The highway connects Odawara in the western side of Kanagawa Prefecture to Fujiyoshida, a city on the northern side of Mount Fuji in Yamanashi Prefecture. From its eastern terminus at National Routes 1 and 255 in Odawara, the road travels west to the eastern limit of Fuji-Hakone-Izu National Park. The highway travels through the northern portion of the park, exiting it at its northwestern corner. Next the highway has a junction with the Tōmei Expressway in Gotemba.

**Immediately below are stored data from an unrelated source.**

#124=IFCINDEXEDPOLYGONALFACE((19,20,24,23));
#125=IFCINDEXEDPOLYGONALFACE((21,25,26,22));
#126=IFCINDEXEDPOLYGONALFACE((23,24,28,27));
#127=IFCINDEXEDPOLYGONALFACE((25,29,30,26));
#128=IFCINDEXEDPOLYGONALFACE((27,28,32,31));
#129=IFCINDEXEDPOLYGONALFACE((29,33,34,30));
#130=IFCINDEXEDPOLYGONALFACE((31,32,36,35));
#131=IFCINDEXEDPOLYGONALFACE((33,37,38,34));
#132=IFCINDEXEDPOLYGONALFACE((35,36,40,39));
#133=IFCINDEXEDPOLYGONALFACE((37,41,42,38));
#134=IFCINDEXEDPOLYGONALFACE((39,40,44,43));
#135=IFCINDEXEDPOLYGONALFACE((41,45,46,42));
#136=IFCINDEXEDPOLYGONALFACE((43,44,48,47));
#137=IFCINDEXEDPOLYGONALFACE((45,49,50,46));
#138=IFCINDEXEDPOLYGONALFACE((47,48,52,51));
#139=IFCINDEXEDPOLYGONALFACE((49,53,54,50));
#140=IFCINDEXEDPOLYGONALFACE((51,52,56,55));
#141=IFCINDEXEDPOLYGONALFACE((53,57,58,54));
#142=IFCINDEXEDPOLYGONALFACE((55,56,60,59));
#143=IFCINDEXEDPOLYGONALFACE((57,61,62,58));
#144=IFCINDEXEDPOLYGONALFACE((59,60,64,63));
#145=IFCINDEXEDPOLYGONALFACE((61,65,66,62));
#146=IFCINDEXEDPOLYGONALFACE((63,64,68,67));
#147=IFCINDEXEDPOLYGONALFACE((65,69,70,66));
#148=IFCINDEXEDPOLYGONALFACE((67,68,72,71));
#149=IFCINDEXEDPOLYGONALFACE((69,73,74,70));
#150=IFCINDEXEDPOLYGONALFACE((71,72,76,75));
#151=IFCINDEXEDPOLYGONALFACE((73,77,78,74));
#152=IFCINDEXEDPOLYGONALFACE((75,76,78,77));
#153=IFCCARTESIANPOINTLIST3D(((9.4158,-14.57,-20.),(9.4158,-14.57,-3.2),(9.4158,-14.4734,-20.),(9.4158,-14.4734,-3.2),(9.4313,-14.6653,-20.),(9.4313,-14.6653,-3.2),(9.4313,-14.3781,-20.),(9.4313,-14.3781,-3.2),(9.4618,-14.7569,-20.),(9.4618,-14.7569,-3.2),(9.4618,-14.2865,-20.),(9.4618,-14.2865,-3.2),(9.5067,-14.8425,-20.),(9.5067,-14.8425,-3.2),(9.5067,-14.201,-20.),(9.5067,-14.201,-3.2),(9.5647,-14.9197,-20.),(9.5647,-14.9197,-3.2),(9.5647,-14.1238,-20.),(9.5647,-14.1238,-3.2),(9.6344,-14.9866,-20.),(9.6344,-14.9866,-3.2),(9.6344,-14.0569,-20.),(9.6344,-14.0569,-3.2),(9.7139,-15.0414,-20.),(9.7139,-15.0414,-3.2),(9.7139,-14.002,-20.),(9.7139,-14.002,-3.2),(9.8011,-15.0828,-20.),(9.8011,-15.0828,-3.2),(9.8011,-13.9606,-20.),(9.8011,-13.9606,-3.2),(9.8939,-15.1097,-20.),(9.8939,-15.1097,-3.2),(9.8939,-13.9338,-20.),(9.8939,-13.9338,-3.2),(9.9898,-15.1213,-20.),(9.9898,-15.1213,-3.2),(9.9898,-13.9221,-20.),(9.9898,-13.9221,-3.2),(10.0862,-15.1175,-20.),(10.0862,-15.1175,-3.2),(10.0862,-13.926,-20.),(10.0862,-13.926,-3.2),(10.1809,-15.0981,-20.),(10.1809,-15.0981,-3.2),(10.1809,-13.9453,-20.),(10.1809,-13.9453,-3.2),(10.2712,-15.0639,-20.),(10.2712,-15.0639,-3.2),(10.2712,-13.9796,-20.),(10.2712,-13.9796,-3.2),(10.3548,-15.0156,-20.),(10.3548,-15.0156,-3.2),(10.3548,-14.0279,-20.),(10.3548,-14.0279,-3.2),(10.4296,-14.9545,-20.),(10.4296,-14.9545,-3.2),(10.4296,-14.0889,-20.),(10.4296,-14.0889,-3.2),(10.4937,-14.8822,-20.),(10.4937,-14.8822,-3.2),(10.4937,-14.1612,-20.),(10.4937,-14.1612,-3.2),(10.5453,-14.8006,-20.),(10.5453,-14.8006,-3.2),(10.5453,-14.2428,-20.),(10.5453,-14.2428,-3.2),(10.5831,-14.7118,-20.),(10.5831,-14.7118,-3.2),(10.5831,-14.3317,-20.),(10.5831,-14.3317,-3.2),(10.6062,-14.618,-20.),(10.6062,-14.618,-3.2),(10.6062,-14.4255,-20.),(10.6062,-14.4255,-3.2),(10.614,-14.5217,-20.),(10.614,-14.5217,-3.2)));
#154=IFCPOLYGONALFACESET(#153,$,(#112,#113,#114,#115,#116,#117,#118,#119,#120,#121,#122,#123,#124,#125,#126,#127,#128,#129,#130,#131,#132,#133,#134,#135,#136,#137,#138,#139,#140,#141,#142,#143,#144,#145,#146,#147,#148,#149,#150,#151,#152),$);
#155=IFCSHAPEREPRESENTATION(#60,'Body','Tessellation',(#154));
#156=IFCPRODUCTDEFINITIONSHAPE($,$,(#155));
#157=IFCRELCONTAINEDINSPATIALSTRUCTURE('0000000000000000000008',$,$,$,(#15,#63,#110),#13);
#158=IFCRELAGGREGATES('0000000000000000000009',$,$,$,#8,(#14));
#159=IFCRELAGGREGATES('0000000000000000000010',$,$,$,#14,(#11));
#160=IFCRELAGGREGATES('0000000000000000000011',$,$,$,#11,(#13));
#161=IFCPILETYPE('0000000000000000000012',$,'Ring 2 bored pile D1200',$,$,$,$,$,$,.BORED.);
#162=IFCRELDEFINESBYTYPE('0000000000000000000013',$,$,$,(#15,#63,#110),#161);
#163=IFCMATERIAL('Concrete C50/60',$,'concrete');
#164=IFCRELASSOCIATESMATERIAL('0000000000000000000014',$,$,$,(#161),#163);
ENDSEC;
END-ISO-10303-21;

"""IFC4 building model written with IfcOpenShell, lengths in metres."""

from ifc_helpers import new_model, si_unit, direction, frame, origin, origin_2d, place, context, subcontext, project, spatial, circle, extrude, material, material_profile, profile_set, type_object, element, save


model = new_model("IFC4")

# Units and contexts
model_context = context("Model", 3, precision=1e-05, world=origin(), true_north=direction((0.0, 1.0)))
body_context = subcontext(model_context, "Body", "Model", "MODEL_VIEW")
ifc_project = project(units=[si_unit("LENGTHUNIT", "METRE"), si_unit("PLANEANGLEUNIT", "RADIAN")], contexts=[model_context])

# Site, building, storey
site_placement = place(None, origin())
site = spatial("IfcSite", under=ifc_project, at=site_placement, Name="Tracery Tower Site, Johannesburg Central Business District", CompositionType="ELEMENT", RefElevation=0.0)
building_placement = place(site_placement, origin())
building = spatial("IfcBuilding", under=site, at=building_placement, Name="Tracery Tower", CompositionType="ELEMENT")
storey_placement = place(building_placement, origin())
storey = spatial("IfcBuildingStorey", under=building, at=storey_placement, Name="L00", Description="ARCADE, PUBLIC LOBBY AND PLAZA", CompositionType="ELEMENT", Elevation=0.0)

It then travels across the city and then enters the neighboring town, Oyama. In Oyama, the road has a junction with Higashifuji-goko Road. It then hugs the southern shore of Lake Yamanaka, the largest of the Fuji Five Lakes before crossing into Fujiyoshida where it meets its western terminus at an intersection with National Route 137.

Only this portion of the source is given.